10 April 2002

Transgene Medikamente aus Feldfrüchten

In abgeschirmten Gewächshäusern junger Gentech-Firmen – auch in Deutschland – wachsen bereits Pflanzen mit Erbgut für gezielt wirksame, pharmazeutisch nutzbare Proteine heran. Substanzen zur Abwehr von Bakterien, zur Bluter-Therapie oder für Krebsdiagnosen befinden sich dann in Tabak-, Kartoffel- oder Rapsblättern, aus denen sie nach der Ernte isoliert werden können. “Aus den Pflanzen werden Biofabriken”, erklärt Stefan Schillberg vom Fraunhofer Institut für Molekularbiologie und angewandte Ökologie (IME) in Aachen. Und während in Europa noch über den Einsatz von Gentechnik im Pflanzenbau und in der Medizin diskutiert wird, sind Produktionsverfahren mit Einsatz von Gentechnik z.B. in der Pharmaproduktion von z.B. Insulin bereits etabliert. Fast ein Fünftel ihres Umsatzes erzielt die Pharmaindustrie schon heute mit Hilfe von gentechnischen Methoden, Tendenz steigend.

Mit Recht wittern die Konzerne das lukrative Geschäft, soll doch Prognosen zufolge etwa das weltweite Marktvolumen für therapeutische Antikörper von heute rund 3 Mrd. auf 24 Mrd. US-Dollar im Jahr 2010 steigen. Die Vorteile von Pflanzen als Pharmafabrik – man spricht bei ihrem Anbau auch von Molecular Farming – liegen in der Produktion von großen Wirkstoffmengen und bedarfsgerechter Anpassungsmöglichkeit der Kulturen. So können Eiweiße in Pflanzen zehn- bis fünfzigmal günstiger produziert werden als im Fermenter, bei denen ständig Temperatur, Säuregehalt und Nährstoffe reguliert werden müssen, weiß Schillberg.

Offene Fragen, vor allem zur biologischen Sicherheit des Molecular Farming, gibt es immerhin: Wie kann verhindert werden, dass Nahrungspflanzen voller pharmazeutischer Wirkstoffe nicht eines Tages irrtümlicherweise von Mensch oder Tier gegessen werden? Was passiert, wenn solche Pflanzen ihr Erbgut ungewollt per Pollenflug an andere Kulturen weitergeben? ” Von den Sicherheitsanforderungen her steht das „Molecular Farming“ noch eine Stufe über der grünen Gentechnik”, sagt Joachim Schiemann, Gentechnik-Experte an der Biologischen Bundesanstalt für Land- und Forstwirtschaft (BBA) in Braunschweig. Noch bleibt es in der Diskussion, wie ein sicheres “Containment” (Zurückhalten) realisiert werden kann. MPB Cologne etwa nutzt ein patentiertes Verfahren, um die Gene zur Wirkstoffproduktion in den Kartoffeln erst nach der Ernte zu aktivieren.

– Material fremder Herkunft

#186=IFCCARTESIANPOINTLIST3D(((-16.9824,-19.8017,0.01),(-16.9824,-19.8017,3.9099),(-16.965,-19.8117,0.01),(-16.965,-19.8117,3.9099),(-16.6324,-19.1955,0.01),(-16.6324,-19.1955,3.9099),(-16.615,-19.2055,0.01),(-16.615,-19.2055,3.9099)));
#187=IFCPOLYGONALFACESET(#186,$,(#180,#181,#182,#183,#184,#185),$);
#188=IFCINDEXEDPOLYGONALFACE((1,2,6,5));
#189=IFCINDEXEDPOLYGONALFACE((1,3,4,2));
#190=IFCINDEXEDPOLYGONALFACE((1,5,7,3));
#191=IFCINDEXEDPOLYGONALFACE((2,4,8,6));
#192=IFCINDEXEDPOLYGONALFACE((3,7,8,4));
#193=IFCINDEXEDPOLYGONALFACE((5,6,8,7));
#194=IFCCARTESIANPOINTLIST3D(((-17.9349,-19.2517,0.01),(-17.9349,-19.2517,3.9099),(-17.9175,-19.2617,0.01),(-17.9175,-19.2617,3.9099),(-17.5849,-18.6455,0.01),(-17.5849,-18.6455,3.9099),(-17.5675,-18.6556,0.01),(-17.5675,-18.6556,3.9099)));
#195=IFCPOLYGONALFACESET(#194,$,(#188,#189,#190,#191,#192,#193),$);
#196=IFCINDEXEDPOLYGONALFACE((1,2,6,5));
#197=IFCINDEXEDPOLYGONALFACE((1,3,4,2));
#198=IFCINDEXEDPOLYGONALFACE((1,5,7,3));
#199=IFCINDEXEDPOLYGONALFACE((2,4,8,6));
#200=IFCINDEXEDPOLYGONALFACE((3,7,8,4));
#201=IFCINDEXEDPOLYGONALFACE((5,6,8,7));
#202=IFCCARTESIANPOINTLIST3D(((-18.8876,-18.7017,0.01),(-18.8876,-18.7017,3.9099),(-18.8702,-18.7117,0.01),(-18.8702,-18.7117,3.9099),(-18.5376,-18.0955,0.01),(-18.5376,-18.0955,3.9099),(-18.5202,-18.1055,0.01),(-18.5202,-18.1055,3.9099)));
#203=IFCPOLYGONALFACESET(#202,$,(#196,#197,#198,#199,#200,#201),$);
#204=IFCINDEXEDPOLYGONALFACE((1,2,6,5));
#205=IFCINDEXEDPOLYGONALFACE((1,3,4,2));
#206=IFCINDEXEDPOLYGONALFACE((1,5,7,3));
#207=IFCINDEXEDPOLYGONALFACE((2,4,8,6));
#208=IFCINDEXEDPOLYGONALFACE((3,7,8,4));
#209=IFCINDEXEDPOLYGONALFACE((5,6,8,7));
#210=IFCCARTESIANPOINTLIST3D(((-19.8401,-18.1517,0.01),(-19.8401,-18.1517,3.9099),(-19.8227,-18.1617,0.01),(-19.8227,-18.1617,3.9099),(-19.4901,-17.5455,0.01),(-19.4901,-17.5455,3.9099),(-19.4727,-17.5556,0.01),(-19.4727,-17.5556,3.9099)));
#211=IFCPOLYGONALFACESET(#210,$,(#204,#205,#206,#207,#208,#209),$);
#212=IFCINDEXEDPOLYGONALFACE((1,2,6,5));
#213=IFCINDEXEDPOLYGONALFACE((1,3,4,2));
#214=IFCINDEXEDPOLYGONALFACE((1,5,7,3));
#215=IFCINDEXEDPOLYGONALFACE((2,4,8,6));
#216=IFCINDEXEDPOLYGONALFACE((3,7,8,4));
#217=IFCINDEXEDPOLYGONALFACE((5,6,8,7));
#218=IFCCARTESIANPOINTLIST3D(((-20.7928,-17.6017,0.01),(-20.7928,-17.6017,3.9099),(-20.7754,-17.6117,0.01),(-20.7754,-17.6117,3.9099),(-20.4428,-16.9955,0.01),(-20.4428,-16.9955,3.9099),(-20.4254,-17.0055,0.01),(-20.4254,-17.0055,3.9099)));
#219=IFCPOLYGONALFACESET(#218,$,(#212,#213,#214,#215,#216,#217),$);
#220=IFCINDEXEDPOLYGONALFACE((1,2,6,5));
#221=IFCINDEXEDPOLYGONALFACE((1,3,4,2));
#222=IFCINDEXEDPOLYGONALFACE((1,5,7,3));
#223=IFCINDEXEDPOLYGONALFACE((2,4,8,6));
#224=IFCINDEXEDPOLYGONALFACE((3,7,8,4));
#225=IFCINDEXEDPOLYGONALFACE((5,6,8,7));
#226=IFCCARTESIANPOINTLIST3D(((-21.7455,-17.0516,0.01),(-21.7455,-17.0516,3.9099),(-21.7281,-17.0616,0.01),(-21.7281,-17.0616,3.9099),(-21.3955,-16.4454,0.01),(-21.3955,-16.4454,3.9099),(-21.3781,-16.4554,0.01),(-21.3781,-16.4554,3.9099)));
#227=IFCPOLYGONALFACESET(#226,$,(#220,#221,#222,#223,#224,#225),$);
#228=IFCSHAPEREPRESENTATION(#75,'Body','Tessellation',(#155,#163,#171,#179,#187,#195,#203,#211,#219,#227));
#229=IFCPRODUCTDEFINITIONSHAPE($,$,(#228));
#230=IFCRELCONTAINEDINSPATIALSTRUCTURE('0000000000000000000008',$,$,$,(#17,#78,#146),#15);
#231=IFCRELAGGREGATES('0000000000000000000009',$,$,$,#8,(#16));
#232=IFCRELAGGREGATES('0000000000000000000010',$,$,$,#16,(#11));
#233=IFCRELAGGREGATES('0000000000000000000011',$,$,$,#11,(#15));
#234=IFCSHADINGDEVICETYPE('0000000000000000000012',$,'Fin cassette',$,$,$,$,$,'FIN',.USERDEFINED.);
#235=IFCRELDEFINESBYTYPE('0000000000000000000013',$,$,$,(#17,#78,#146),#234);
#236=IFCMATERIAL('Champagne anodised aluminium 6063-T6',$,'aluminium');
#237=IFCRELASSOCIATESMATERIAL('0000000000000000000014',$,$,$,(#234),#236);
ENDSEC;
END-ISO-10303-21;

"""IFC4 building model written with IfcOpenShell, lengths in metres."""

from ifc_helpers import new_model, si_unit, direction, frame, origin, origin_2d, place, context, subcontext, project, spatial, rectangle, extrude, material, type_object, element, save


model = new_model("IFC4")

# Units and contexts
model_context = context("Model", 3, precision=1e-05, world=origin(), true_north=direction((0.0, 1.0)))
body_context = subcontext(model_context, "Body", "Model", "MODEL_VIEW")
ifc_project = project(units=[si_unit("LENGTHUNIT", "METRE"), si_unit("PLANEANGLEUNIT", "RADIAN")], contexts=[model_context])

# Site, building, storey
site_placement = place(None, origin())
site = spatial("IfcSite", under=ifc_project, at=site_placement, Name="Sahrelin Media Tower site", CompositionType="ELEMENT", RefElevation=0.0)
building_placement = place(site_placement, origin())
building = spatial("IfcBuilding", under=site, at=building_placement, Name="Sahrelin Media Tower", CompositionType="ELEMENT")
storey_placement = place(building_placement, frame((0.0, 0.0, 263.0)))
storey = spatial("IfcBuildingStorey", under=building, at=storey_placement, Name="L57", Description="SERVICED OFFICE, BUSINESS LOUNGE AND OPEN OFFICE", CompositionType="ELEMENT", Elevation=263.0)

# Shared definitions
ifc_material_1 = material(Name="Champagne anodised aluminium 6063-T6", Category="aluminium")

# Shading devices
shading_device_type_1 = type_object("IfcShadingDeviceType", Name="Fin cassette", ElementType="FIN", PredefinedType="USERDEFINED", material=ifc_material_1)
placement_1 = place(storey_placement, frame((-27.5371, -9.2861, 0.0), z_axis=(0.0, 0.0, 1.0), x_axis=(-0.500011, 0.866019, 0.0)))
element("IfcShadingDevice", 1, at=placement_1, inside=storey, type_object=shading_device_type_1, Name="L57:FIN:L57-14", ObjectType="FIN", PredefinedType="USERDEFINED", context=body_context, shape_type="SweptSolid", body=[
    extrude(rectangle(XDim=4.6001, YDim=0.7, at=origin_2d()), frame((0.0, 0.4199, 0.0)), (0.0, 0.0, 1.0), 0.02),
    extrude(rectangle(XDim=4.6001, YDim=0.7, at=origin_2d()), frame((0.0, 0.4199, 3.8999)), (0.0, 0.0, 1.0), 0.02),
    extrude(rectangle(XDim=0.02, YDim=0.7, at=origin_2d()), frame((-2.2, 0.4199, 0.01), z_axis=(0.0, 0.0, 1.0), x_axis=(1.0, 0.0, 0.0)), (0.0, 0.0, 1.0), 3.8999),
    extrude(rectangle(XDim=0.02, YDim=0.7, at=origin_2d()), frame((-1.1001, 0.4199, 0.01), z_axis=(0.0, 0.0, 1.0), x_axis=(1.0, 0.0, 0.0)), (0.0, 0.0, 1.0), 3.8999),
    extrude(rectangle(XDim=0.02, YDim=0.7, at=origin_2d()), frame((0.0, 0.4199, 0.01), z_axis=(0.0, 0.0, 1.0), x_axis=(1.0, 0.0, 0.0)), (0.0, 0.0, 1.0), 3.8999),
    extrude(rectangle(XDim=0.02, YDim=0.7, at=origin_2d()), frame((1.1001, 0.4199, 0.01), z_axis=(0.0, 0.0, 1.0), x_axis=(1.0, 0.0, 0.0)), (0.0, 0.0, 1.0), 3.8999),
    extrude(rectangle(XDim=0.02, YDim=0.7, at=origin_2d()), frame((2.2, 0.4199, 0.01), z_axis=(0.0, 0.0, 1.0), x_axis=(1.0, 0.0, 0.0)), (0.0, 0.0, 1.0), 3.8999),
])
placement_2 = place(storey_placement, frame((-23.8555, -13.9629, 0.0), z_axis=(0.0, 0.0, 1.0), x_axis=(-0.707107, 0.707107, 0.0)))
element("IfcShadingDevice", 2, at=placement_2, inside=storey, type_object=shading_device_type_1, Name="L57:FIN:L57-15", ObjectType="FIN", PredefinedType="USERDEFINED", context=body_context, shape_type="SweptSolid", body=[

Forscher Schillberg bevorzugt Tabakpflanzen, “weil sie nicht in die Nahrungskette gelangen können”. Greenovation Biotechnology geht mit seiner Produktionstechnik sogar ganz auf Nummer sicher, denn ihre transgenen Moose dürfen nur in sterilen Bioreaktoren aus Glas wachsen.

Bislang hat noch kein Unternehmen eine Freisetzungsgenehmigung beantragt. “Freisetzungen werden noch ein paar Jahre auf sich warten lassen”, sagt BBA-Experte Schiemann, und so lange die grüne Gentechnik in Europa so wenig Sympathien findet, hat auch das Molecular Farming im Freiland keine Chance. So sind die entsprechenden Firmen gezwungen, ihre Feldversuche auszulagern: MPB Cologne und das Kieler Unternehmen Planton haben bereits Kontakte nach Kanada geknüpft, um dort ihre transgenen Kartoffeln anzubauen. “Es ist wenig sinnvoll, mit dem Molecular Farming in Europa zu beginnen”, sagt MPB-Chef Klaus Düring. “Wenn wir Verträge mit Pharmafirmen schließen wollen, müssen wir Produktionsgarantien geben können. Wir haben Wagniskapital erhalten, um damit Geld zu verdienen, nicht um die Politik hier zu Lande zu ändern.”